Configure the HTTPRoute to match the traffic=test header, and route it to the canary workloads:

bookinfo-httproute.yaml
apiVersion: gateway.networking.k8s.io/v1beta1
kind: HTTPRoute
metadata:
  name: bookinfo
spec:
  parentRefs:
  - name: bookinfo-gateway
    namespace: istio-system
  rules:
  - matches:
    - path:
        type: Exact
        value: /productpage
    - path:
        type: PathPrefix
        value: /static
    - path:
        type: Exact
        value: /login
    - path:
        type: Exact
        value: /logout
    - path:
        type: PathPrefix
        value: /api/v1/products
    backendRefs:
    - name: productpage
      namespace: bookinfo-1-18-0-alpha-0
      port: 9080
  - matches:                                # Add route for canary traffic (1)
    - headers:
      - name: traffic
        value: test
    backendRefs:
    - name: productpage
      namespace: bookinfo-1-18-1
      port: 9080
  1. To canary the release, add a route that matches on the header traffic: test, which will be used when cURLing the canary workloads later on. Be sure to include the namespaces of each release.

Canary Deployment

  1. Update Routes
    kubectl apply -f bookinfo-httproute.yaml
    
    Now Bookinfo is ready to take canary traffic.
  2. Test canary traffic
    curl -s -H "traffic: test" "http://172.18.255.202/productpage" | grep -o "<title>.*</title>"
    
    You should see the traffic come back as expected. Now it's time to shift traffic over to the new release.

Blue-Green Deployment

Update the HttpRoute with the following:

bookinfo-httproute.yaml
apiVersion: gateway.networking.k8s.io/v1beta1
kind: HTTPRoute
metadata:
  name: bookinfo
spec:
  parentRefs:
  - name: bookinfo-gateway
    namespace: istio-system
  rules:
  - matches:
    - path:
        type: Exact
        value: /productpage
    - path:
        type: PathPrefix
        value: /static
    - path:
        type: Exact
        value: /login
    - path:
        type: Exact
        value: /logout
    - path:
        type: PathPrefix
        value: /api/v1/products
    backendRefs:
    - name: productpage
      namespace: default
      port: 9080
      weight: 90
    - name: productpage
      namespace: bookinfo-1-18-1
      port: 9080
      weight: 10                  # Set canary weight to 10% of traffic (1)
  1. This should be done multiple times while running load.

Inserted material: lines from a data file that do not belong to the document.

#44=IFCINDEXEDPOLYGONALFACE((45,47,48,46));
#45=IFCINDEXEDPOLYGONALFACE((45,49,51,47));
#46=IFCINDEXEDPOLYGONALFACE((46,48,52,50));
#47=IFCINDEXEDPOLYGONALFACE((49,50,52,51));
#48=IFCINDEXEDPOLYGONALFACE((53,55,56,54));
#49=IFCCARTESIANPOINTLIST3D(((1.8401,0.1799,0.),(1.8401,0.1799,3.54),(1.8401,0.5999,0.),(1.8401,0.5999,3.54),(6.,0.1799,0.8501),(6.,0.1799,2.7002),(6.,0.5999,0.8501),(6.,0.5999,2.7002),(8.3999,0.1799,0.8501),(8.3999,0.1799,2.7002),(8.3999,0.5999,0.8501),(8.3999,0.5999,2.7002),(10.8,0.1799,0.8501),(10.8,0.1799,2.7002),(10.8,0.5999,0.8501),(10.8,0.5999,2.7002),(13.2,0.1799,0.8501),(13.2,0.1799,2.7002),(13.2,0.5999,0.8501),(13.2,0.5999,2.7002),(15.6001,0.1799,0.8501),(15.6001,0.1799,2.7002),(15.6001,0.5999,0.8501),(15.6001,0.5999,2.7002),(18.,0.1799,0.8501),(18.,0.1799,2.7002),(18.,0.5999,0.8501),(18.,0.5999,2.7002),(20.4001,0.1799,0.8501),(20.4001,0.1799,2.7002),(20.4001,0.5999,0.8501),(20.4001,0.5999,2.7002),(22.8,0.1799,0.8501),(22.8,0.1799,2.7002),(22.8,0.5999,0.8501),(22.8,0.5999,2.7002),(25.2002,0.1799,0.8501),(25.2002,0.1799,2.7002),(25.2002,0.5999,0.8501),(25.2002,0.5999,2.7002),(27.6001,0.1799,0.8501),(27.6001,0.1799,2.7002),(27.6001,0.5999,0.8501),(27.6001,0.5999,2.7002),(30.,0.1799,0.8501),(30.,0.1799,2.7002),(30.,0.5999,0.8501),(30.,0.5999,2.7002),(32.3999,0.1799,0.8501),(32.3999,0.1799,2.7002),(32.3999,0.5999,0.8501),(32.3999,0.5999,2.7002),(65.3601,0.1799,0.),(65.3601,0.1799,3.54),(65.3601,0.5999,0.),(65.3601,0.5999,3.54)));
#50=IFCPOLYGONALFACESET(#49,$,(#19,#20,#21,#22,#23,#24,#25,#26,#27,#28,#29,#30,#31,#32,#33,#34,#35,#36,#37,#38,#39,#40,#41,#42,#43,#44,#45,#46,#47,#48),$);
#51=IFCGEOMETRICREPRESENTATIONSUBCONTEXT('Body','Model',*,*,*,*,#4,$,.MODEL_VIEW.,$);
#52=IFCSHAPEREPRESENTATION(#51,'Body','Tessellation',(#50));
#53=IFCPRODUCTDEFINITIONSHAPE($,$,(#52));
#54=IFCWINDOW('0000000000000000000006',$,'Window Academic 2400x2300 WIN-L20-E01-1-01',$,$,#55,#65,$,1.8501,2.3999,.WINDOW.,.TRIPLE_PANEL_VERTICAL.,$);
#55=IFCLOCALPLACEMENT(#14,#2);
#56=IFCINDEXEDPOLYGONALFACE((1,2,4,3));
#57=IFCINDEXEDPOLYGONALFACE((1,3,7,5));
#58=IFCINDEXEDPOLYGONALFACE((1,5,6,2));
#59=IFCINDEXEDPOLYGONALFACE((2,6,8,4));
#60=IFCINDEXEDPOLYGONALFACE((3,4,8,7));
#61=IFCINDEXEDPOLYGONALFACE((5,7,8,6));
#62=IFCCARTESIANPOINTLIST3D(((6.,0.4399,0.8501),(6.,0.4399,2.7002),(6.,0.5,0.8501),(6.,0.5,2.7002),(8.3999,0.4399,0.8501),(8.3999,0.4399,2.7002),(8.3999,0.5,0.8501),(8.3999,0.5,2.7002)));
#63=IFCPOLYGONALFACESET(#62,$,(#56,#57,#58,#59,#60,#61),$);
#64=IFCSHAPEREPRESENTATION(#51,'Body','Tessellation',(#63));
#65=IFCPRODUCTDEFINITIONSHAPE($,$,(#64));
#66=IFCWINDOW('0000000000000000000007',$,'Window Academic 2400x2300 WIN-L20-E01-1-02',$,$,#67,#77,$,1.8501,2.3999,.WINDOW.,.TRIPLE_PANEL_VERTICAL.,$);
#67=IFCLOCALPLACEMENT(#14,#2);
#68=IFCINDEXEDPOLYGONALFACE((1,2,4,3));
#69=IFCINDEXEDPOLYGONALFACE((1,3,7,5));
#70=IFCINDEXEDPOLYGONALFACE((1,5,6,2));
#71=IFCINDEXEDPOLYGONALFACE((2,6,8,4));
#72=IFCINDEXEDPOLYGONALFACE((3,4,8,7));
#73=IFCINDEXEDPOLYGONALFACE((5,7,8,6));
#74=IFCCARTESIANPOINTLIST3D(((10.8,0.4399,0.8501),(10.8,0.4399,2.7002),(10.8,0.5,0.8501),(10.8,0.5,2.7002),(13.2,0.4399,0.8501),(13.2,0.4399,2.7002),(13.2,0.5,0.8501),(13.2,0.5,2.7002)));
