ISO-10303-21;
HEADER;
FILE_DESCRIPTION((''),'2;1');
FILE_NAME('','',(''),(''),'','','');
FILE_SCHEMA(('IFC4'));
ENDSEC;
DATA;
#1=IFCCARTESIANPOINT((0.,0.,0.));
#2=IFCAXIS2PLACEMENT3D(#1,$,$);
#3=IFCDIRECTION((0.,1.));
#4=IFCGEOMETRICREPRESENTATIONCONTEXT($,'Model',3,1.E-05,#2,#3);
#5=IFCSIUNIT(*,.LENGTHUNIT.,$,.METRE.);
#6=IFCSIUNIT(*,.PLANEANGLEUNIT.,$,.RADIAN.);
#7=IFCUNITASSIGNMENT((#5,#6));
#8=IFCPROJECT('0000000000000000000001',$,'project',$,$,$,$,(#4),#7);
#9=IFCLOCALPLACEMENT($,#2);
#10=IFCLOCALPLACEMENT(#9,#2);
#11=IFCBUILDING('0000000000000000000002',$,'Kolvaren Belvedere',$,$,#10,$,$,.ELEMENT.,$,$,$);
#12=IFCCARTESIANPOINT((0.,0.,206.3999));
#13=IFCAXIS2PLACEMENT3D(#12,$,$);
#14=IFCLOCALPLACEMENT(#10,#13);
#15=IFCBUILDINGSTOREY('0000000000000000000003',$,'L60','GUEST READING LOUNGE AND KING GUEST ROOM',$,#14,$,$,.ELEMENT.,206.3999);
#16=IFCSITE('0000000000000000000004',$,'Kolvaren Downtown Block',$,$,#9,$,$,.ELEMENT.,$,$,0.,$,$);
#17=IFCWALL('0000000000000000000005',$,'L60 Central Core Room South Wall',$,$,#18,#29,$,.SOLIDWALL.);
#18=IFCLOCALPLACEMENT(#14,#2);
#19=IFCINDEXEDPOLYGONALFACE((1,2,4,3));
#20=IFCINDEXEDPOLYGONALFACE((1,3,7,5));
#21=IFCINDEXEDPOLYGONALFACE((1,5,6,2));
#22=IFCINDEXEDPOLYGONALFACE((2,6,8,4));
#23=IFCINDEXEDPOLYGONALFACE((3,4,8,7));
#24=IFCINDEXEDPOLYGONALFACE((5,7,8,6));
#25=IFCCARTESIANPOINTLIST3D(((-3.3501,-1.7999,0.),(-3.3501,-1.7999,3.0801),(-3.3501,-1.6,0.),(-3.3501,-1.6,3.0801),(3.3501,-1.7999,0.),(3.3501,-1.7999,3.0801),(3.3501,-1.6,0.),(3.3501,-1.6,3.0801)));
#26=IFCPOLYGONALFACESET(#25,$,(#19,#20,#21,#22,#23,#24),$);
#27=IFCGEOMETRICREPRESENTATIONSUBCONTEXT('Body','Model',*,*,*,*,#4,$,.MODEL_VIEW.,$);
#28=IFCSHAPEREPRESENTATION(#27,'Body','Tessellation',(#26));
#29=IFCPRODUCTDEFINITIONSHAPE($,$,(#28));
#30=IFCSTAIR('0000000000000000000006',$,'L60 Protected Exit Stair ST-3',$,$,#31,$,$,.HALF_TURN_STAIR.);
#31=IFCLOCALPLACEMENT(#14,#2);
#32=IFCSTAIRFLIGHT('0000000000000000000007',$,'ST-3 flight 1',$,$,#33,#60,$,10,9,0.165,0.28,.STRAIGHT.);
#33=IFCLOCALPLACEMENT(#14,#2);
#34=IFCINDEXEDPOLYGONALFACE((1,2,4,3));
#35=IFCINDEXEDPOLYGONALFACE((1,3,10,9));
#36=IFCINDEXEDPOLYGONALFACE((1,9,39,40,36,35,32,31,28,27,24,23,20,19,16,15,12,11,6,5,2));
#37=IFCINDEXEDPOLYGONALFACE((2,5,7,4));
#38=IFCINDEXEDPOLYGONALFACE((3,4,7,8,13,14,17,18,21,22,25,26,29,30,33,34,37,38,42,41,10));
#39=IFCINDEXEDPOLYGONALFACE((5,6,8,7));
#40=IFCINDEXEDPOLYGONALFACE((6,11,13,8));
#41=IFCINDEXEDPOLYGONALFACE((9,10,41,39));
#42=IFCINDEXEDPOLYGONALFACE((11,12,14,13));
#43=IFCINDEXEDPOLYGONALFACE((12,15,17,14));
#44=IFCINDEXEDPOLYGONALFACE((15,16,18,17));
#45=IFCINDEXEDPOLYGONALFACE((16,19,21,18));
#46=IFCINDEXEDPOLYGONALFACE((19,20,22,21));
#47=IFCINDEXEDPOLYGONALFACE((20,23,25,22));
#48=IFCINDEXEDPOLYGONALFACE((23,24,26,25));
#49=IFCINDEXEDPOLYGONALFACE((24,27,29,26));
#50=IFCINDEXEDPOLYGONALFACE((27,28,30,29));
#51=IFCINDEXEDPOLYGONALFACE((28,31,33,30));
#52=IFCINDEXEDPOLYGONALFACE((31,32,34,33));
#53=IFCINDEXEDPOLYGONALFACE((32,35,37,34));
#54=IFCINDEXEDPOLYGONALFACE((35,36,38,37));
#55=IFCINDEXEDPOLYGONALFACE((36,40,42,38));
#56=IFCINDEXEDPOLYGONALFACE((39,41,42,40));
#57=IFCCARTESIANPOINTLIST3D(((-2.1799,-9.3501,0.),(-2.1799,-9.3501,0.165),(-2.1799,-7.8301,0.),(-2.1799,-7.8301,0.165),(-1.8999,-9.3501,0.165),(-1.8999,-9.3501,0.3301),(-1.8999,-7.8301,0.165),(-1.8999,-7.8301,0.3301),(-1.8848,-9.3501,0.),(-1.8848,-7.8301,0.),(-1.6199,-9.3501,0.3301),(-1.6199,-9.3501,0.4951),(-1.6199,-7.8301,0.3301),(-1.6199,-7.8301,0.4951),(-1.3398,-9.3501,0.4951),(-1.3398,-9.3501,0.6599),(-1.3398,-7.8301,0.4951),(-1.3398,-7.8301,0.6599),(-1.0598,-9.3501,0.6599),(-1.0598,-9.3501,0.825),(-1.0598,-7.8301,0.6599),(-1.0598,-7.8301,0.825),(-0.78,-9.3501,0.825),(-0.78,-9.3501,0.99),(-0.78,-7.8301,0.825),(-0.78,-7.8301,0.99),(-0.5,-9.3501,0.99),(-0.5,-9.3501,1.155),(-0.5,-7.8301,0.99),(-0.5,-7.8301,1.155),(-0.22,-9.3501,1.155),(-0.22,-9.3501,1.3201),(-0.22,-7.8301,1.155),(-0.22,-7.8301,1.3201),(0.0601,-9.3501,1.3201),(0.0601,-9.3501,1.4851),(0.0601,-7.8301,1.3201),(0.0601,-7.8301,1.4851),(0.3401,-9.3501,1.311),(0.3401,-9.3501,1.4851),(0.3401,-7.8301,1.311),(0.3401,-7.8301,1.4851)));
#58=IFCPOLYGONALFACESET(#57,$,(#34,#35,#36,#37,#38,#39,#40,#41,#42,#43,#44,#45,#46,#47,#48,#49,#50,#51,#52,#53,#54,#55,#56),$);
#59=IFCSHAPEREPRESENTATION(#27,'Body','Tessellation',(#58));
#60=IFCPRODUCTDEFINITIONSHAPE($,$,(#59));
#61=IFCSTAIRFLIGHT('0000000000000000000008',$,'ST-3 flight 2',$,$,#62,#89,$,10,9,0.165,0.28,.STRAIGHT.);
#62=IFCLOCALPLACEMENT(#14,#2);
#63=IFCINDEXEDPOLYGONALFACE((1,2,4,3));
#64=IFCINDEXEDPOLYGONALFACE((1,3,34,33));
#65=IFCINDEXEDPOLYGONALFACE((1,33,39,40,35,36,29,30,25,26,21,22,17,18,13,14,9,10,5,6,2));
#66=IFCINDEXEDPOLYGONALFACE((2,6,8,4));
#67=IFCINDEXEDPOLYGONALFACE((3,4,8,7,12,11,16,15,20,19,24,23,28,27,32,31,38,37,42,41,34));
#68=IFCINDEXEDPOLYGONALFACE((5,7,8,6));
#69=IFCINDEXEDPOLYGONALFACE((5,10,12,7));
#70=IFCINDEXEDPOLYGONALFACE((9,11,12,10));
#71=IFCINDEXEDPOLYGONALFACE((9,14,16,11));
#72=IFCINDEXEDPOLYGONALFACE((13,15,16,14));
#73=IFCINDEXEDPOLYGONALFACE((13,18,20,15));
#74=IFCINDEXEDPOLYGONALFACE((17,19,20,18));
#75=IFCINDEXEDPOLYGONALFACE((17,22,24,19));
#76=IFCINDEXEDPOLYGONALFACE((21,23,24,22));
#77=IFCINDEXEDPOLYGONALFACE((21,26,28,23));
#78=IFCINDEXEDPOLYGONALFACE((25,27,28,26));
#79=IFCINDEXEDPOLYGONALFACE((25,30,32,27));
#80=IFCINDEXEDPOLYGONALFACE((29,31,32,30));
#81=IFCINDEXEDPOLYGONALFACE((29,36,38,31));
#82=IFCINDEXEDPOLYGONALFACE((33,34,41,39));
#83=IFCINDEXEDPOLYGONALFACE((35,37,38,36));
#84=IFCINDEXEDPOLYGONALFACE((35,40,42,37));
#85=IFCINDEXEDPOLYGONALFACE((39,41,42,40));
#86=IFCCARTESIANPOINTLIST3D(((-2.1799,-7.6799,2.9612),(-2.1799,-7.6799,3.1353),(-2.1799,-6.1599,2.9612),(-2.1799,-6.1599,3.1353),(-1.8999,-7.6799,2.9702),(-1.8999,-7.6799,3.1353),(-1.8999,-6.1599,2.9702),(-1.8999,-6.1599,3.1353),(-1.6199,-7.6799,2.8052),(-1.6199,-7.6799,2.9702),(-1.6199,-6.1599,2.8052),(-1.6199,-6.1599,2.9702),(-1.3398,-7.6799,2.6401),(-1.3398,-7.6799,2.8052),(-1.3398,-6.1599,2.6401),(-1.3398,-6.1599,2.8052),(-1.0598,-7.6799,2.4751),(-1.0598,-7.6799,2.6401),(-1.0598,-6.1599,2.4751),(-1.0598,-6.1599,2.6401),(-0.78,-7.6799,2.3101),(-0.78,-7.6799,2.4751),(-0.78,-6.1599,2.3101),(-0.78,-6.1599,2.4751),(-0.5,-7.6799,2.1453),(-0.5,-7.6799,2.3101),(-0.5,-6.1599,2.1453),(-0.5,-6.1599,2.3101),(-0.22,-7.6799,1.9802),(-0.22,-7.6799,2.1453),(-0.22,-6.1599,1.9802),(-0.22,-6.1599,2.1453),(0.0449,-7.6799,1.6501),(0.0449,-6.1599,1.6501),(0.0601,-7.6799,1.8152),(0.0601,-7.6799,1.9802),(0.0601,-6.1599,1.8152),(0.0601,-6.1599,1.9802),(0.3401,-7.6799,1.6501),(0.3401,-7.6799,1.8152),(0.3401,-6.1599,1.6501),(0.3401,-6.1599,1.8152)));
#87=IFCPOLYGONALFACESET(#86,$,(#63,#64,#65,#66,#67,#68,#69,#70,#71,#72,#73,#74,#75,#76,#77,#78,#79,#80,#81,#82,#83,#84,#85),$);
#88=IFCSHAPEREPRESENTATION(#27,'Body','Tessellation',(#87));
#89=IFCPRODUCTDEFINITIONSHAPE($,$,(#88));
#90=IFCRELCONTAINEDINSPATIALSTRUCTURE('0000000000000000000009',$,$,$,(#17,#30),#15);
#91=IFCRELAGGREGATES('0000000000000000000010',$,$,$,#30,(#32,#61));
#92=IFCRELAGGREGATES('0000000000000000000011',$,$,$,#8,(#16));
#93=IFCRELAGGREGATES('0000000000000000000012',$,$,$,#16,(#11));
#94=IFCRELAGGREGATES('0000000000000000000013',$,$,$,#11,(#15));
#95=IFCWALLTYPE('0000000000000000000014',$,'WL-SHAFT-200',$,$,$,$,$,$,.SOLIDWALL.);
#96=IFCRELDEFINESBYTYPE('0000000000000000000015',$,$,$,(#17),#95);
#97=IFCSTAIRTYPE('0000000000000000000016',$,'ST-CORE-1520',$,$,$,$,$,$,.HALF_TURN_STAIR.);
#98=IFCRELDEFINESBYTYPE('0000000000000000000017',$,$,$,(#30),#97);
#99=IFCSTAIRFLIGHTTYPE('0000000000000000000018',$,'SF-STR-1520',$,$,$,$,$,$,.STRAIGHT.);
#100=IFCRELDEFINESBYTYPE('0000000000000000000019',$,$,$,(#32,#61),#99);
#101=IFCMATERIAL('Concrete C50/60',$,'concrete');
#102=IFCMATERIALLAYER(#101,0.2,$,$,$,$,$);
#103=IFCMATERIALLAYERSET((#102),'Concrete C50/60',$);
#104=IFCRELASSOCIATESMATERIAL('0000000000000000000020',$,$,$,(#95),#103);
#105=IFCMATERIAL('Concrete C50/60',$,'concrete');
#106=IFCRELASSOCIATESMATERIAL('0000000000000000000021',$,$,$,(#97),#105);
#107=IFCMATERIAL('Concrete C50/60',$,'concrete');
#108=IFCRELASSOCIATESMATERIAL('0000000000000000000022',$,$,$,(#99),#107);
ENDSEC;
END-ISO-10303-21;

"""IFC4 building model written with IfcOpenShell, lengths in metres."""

from ifc_helpers import new_model, si_unit, direction, frame, frame_2d, origin, place, context, subcontext, project, spatial, polyline, rectangle, outline, extrude, material, layer, layer_set, type_object, element, aggregate, save


model = new_model("IFC4")

# Units and contexts
model_context = context("Model", 3, precision=1e-05, world=origin(), true_north=direction((0.0, 1.0)))
body_context = subcontext(model_context, "Body", "Model", "MODEL_VIEW")
ifc_project = project(units=[si_unit("LENGTHUNIT", "METRE"), si_unit("PLANEANGLEUNIT", "RADIAN")], contexts=[model_context])

# Site, building, storey
site_placement = place(None, origin())
site = spatial("IfcSite", under=ifc_project, at=site_placement, Name="Kolvaren Downtown Block", CompositionType="ELEMENT", RefElevation=0.0)
building_placement = place(site_placement, origin())
building = spatial("IfcBuilding", under=site, at=building_placement, Name="Kolvaren Belvedere", CompositionType="ELEMENT")
storey_placement = place(building_placement, frame((0.0, 0.0, 206.3999)))
storey = spatial("IfcBuildingStorey", under=building, at=storey_placement, Name="L60", Description="GUEST READING LOUNGE AND KING GUEST ROOM", CompositionType="ELEMENT", Elevation=206.3999)

# Shared definitions
ifc_material_1 = material(Name="Concrete C50/60", Category="concrete")
ifc_layer_1 = layer(ifc_material_1, 0.2)
ifc_layer_set_1 = layer_set([ifc_layer_1], Name="Concrete C50/60")
wall_type_1 = type_object("IfcWallType", Name="WL-SHAFT-200", PredefinedType="SOLIDWALL", material=ifc_layer_set_1)

# Wall
wall_1_placement = place(storey_placement, frame((-3.3501, -1.7, 0.0), z_axis=(0.0, 0.0, 1.0), x_axis=(1.0, 0.0, 0.0)))
element("IfcWall", 1, at=wall_1_placement, inside=storey, type_object=wall_type_1, Name="L60 Central Core Room South Wall", PredefinedType="SOLIDWALL", context=body_context, shape_type="SweptSolid", body=[
    extrude(rectangle(XDim=6.7002, YDim=0.2, at=frame_2d((3.3501, 0.0))), origin(), (0.0, 0.0, 1.0), 3.0801),
])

An arbitrary example would be 10%, 50%, then 100% of traffic to the canary release.

Then begin shifting traffic:

  1. Shift traffic to the canary:
    kubectl apply -f bookinfo-httproute.yaml
    
    # test
    curl -s "http://172.18.255.202/productpage" | grep -o "<title>.*</title>"
    
  2. Once the blue-green deployment is complete, the 1-18-0-alpha-0 resources should be ready to clean up:
    # remove bookinfo
    kubectl delete -f 1-18-0-alpha-0/bookinfo.yaml
    kubectl delete -f 1-18-0-alpha-0/sleep.yaml
    kubectl delete -f 1-18-0-alpha-0/notsleep.yaml
    
    # unlabel default ns
    kubectl label ns default istio.io/dataplane-mode-
    
    # uninstall istio
    istioctl uninstall --purge
    

Conclusion

Canary Upgrades for Ambient Mesh differ wildly from vanilla Istio. Managing canaries at the node level provide some unforseen challenges, but also provides an opportunity to better organize kubernetes workloads along the physical constraints of each node. This may not provide the flexibility that some are used to with kubernetes, but workloads should take locality into account for optimal performance anyway.